Our study reports the normative coronal dimensions of the FN on fs-gad T1-weighted MRI, while also investigating its relationship with age, sex and ONS size. This study is the first to present normative FN measurements across any imaging modality. Additionally, we utilised high-resolution MRI scans in over 160 orbits. These findings may aid in defining a quantifiable definition for FN enlargement.
The upper ranges of the FN measurements, set at two standard deviations above the mean, could serve as a suitable criterion for defining the threshold of FN enlargement. Two standard deviations above the mean diameter were chosen to define abnormal enlargement [4, 13]. A diameter greater than 1.1mm in the coronal plane for the FN may be considered enlarged. Current definitions of enlargement require the FN’s diameter to be greater than that of the ONS, which is around 5mm. Our proposed normative data suggests that this criterion may under report the prevalence of FN enlargement.
One previous study measured the size of an enlarged FN, reporting dimensions of 20.6mm × 31.8mm [21], however no previous studies have reported the normative values. Therefore, a quantitative cut-off for FN enlargement has yet to be established. In our study, the FN and ONS measurements were taken at its maximum diameter as this can be used to help define abnormal enlargement [19]. The infraorbital nerve is the most common trigeminal branch lesion associated with IgG4-ROD [3, 18, 20], and its involvement is a prognostic indicator of IgG4-ROD and correlates with serum IgG4 levels and occurrence of multi-organ involvement [21]. Further studies may investigate if frontal nerve enlargement, defined using our normative data, may also serve as a marker of disease severity in IgG4-ROD.
Our study found no significant difference in FN diameter with respect to age group, sex, or laterality. Further studies across different centres are required to corroborate our findings. In addition, data on the ethnicity of the participants, which was not available in our study, would also be helpful to see if the diameters vary across different ethnic groups.
As current definitions define FN enlargement in relation to ONS size, this study provides the normative values for the FN:ONS ratio in both orbits. Given nerve size variability among individuals, the FN:ONS may be used as another quantitative indicator of FN enlargement. There was no significant difference in the FN:ONS between age groups or sex.
Coronal fs-gad T1-weighted MRI is the preferred imaging sequence for evaluating inflammatory and neoplastic conditions of the orbit. High-resolution volumetric T1-weighted images post-contrast enables for visualisation of trigeminal nerve branches. The frontal nerve is surrounded by a venous plexus which enhances, with the frontal nerve itself being relatively hypointense. Additionally, as the peripheral segments of the trigeminal nerve are surrounded by fat, employing fat-suppression sequences allow for clearer delineation of the FN [2]. Utilisation of high-resolution orbital MRI scans on 3T scanners allowed identification of the nerve in majority of cases (84/89 patients). However, five cases had unclear boundaries on two reviewers, including a neuroradiologist (SP) and therefore were excluded. MRI sequences with lower spatial resolution (e.g., 1.5 T) may see a higher proportion of cases where the boundaries of the frontal nerve may not be able to be distinguished.
Other causes of FN enlargement include adult-onset xanthogranuloma [14], lymphoma [9], schwannoma [21], idiopathic orbital inflammation, and neoplastic perineural spread from squamous cell carcinoma [12]. All of these cases had reported unilateral enlargement of the FN and are much less common than IgG4-ROD. The presence of bilateral trigeminal branch enlargement is specific for patients with IgG4-ROD [9, 17], with an approximate prevalence of 53% [9]. Therefore, the establishment of the normative diameter of the FN, along with the ability to assess bilateral FN enlargement on MRI, may help facilitate diagnosis of IgG4-ROD.

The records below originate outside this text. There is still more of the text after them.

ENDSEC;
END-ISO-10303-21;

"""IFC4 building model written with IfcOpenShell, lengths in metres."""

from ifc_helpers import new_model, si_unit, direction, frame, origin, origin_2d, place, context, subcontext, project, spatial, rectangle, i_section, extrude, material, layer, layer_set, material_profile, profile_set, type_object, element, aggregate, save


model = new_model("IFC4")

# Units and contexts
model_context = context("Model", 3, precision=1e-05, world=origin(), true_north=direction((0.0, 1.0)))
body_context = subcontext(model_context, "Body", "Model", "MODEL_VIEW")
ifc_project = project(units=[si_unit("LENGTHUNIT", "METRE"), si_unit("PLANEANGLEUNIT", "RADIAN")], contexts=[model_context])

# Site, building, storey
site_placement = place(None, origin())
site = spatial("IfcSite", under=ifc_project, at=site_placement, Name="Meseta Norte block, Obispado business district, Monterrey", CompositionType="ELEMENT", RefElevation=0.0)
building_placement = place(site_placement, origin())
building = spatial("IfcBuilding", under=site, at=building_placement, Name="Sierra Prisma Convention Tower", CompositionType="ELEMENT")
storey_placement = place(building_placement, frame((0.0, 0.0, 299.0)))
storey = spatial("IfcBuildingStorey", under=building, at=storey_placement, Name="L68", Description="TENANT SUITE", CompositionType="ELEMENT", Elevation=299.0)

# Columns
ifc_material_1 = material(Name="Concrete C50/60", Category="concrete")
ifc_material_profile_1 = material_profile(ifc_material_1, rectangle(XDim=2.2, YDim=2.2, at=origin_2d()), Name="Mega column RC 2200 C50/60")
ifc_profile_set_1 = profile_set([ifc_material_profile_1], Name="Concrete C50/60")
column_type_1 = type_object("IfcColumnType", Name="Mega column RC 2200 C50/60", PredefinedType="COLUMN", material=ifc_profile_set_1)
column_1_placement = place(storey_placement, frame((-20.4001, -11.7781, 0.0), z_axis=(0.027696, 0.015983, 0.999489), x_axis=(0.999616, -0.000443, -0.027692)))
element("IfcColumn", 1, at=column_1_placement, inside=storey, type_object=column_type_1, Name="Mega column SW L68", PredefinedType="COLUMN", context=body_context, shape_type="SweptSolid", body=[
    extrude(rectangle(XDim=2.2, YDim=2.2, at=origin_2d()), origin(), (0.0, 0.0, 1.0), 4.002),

This study has limitations apparent in its design. The study is retrospective, based on patients from a single cohort which may not be applicable to other population groups.
Furthermore, this study did not comment on the shape of FN when measuring its diameter. In addition, frontal nerve and optic nerve sheath diameter may vary across its course and future studies could look at its dimensions at different points in its course.
In conclusion, we present the normative FN diameter in an Australian cohort using the fs-gad T1-weighted MRI. The data provides a cut-off of values that can be used to quantitively diagnose FN enlargement.